# Who Gets "Luciled" WD Season 7 opener



## RedLion (Sep 23, 2015)

Coming this next Sunday. My best intell is that Glen gets it, but that it may be a two for one character death episode. I have heard that Abraham may get killed as well. Maybe Luciled or killed otherwise. Also heard that Rick is going to get one heck of a butt kicking as punishment and a strong message to toe the line.
Thoughts?


----------



## A Watchman (Sep 14, 2015)

The beating has been much publicized as well as the cliff hangar from last season. I do not believe Abraham has enough of a "wow" factor for this killing, but I suspect later.

My vote is Glen, he has escaped death to easily.


----------



## sideKahr (Oct 15, 2014)

Excuse my ignorance, please. What show?


----------



## RedLion (Sep 23, 2015)

sideKahr said:


> Excuse my ignorance, please. What show?


The Walking Dead. Season 7 opener occurring this coming Sunday.


----------



## RedLion (Sep 23, 2015)

A Watchman said:


> The beating has been much publicized as well as the cliff hangar from last season. I do not believe Abraham has enough of a "wow" factor for this killing, but I suspect later.
> 
> My vote is Glen, he has escaped death to easily.


And Glen dies in the Comic. The show is not a straight copy of the comic, but it follows the story line pretty well.


----------



## sargedog (Nov 12, 2012)

I think it will be Maggie/unborn baby, there is no worse thing for a man then to see his women get Lucille'd. If there is a twofer I think Abraham as well might go. The way they were talking about watch the show with someone it will have to be a real shocker:vs_shocked:


----------



## Targetshooter (Dec 4, 2015)

sorry don't watch the show .


----------



## 7515 (Aug 31, 2014)

I was thinking it may be Eugene. 
I have also heard the Glenn/Abraham theory but I think that is too much of a loss.


----------



## MaterielGeneral (Jan 27, 2015)

Targetshooter said:


> sorry don't watch the show .


Your missing out. If you have Netflix you can play catch up. Its not a cheezy zombie show. It has a pretty good story line except for one season that dragged ass but the rest are fairly action packed. Zombies get a pretty good paint job also. Puts a lot of movies to shame.


----------



## RedLion (Sep 23, 2015)

So Abraham and Glen both get luciled. I found Glen's to be the more disturbing.


----------



## MaterielGeneral (Jan 27, 2015)

I liked how Glenn's eye was popping out. Looked pretty realistic.


----------



## Slippy (Nov 14, 2013)

Mrs Slippy made it a few minutes into the show then got up and told me she was "disgusted and done with The Walking Dead".


----------



## turbo6 (Jun 27, 2014)

Pretty brutal stuff. 

I'm surprised how many people were shocked by it. But it's pretty fitting with the theme of the show - the zombies are a threat, but the real problem is the humans.


----------



## RedLion (Sep 23, 2015)

MaterielGeneral said:


> I liked how Glenn's eye was popping out. Looked pretty realistic.

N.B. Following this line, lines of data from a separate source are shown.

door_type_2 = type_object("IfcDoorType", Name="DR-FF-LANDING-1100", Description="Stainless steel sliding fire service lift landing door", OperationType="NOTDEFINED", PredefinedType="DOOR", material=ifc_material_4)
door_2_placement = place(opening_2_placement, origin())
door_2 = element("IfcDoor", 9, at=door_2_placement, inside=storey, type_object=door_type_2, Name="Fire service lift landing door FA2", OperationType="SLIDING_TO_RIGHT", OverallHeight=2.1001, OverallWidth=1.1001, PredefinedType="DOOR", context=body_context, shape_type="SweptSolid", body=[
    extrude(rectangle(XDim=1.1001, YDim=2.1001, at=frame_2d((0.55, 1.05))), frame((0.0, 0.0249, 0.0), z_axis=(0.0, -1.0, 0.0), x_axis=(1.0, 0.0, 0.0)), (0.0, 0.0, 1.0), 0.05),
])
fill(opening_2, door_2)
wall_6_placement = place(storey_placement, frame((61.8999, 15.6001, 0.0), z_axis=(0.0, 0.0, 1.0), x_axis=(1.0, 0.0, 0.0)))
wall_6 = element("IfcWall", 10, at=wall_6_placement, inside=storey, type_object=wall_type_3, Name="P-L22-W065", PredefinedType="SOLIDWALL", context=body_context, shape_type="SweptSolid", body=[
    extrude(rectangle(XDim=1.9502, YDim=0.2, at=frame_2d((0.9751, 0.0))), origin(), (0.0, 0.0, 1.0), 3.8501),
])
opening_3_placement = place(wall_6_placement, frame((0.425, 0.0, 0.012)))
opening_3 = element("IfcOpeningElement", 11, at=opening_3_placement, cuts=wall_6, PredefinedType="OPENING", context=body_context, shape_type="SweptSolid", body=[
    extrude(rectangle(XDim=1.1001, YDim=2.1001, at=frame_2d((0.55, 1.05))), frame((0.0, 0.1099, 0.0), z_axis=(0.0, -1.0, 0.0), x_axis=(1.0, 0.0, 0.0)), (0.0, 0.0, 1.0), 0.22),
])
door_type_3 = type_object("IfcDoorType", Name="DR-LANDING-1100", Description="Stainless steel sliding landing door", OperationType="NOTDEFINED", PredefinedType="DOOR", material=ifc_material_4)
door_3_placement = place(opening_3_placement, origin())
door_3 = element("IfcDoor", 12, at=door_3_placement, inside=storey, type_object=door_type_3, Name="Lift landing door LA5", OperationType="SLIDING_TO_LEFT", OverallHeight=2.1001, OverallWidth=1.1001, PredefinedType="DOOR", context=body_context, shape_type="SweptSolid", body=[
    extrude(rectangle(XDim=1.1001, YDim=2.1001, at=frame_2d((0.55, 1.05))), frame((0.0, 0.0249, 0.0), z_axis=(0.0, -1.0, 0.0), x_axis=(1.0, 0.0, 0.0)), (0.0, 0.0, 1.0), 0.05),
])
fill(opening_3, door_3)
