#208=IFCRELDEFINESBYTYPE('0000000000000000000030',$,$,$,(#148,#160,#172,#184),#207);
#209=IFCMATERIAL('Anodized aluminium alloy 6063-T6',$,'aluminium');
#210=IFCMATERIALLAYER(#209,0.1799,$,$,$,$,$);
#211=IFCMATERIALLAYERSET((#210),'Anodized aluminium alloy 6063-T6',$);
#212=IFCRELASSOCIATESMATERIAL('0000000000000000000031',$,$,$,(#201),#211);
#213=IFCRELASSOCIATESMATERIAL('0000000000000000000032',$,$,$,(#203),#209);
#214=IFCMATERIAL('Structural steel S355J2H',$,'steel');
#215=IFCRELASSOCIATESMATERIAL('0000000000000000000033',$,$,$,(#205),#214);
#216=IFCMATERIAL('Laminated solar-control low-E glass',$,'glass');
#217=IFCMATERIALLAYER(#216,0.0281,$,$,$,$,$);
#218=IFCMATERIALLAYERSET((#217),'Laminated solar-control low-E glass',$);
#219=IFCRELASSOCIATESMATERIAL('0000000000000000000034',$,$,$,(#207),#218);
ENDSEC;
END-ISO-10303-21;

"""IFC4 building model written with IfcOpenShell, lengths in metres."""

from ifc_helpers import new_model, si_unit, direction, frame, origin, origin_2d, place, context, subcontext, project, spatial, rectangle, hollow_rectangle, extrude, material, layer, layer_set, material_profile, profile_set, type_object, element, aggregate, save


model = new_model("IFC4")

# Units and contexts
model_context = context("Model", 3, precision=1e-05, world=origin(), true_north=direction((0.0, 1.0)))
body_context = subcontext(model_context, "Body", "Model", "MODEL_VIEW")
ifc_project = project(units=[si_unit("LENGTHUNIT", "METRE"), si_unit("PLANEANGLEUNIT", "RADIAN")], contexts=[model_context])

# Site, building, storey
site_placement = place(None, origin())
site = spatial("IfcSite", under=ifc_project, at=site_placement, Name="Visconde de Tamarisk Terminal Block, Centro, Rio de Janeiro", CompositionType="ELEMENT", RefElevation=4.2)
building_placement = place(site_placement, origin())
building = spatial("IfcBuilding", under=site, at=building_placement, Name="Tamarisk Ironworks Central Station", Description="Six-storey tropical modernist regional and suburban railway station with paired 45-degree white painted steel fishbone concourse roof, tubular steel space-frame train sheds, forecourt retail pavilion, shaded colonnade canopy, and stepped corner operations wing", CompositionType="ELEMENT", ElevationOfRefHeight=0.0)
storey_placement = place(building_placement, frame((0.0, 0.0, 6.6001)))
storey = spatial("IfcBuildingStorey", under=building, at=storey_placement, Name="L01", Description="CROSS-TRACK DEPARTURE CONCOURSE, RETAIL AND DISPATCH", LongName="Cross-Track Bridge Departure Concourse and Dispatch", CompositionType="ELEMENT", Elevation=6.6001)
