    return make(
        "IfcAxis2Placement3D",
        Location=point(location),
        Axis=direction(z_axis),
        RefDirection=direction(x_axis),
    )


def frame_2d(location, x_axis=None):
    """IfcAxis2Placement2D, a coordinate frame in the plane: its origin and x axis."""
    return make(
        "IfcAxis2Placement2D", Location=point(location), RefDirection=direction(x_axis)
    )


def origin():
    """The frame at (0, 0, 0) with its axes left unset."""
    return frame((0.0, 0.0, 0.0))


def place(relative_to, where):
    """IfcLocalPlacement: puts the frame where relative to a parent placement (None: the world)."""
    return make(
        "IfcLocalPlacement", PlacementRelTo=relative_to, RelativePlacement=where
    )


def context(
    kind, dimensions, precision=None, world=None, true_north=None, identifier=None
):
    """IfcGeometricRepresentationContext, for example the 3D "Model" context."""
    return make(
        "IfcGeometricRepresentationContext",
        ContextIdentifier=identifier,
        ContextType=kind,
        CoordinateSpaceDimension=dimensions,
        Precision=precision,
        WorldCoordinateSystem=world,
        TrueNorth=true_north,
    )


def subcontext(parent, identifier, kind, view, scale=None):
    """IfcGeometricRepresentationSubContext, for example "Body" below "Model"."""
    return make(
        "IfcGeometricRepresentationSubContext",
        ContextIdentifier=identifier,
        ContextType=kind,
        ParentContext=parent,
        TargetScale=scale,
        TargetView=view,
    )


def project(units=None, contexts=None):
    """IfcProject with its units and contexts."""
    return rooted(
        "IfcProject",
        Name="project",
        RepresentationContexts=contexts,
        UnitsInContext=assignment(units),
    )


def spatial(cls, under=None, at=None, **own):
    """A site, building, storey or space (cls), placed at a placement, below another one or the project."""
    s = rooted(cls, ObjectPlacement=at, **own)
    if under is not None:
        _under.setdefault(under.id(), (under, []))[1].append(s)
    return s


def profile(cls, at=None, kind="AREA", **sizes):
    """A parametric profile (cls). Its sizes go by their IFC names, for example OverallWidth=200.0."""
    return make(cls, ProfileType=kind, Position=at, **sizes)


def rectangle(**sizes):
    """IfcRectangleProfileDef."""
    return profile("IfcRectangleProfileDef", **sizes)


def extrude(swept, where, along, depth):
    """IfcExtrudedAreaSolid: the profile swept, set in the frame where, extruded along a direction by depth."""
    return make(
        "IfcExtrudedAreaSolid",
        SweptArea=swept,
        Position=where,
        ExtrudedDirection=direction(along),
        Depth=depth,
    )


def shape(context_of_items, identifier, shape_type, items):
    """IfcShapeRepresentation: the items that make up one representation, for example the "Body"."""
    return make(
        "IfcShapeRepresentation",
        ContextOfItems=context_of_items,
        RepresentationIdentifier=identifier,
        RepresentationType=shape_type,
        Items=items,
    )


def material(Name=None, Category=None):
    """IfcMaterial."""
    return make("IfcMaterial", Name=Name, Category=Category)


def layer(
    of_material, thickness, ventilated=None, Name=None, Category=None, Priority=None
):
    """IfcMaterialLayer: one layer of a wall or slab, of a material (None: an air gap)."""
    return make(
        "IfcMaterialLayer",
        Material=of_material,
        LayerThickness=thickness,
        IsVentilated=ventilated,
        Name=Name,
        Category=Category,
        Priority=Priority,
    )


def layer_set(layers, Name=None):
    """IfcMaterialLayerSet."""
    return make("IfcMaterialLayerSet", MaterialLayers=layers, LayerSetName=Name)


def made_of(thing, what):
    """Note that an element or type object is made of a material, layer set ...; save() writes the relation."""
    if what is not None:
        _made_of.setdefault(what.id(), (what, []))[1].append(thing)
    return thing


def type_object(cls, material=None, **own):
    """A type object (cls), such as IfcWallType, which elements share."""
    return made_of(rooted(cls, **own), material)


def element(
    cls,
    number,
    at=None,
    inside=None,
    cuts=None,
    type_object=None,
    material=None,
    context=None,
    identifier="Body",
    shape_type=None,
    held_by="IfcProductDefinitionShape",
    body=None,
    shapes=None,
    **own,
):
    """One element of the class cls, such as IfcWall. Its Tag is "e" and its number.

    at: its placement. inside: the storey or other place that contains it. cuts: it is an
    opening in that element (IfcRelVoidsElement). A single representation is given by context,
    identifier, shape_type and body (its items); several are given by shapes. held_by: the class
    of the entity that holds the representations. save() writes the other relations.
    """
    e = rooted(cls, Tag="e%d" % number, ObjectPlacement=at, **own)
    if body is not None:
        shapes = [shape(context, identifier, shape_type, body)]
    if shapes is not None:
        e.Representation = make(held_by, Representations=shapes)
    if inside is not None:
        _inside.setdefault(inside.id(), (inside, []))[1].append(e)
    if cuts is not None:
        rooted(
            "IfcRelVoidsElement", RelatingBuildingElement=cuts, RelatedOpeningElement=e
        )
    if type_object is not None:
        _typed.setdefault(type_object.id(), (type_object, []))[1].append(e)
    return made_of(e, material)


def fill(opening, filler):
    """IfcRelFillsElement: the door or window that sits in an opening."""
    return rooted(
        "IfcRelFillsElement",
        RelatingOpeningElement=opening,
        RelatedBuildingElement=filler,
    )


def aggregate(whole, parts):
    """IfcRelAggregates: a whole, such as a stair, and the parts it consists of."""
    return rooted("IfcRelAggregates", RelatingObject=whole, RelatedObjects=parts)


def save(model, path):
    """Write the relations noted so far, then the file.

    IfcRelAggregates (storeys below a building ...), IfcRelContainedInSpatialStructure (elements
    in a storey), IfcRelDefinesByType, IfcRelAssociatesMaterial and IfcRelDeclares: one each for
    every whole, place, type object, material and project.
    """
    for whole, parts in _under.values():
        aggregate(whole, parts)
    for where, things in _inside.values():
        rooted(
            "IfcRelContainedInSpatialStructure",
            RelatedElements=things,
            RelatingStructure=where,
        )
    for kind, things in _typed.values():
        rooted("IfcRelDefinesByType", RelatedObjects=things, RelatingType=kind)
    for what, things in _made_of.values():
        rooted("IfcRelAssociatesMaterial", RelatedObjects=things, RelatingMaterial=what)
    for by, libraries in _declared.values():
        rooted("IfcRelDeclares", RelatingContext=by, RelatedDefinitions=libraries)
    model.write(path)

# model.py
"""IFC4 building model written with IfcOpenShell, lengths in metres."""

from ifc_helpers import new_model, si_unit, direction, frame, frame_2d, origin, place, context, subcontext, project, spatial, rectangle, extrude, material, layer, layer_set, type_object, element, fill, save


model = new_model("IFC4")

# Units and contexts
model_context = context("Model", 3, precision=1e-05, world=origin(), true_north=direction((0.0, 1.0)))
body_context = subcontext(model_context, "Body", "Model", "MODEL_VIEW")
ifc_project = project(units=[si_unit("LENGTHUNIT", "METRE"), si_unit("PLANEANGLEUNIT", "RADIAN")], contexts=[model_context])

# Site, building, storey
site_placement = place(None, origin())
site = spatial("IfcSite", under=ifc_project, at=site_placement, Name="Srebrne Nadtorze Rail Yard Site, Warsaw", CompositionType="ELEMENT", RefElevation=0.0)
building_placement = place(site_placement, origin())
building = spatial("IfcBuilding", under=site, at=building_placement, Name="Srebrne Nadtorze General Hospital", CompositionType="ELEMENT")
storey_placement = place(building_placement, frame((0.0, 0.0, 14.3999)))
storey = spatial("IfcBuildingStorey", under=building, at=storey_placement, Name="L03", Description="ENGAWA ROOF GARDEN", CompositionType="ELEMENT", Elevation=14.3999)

Yep. The interaction that Neagan had with Glen made Neagan all the more evil.


----------



## RedLion (Sep 23, 2015)

Slippy said:


> Mrs Slippy made it a few minutes into the show then got up and told me she was "disgusted and done with The Walking Dead".


A piece of what a SHTF event would be like. The savagery would be off the scale. I am guessing that it scared her.


----------



## RedLion (Sep 23, 2015)

turbo6 said:


> Pretty brutal stuff.
> 
> I'm surprised how many people were shocked by it. But it's pretty fitting with the theme of the show - the zombies are a threat, but the real problem is the humans.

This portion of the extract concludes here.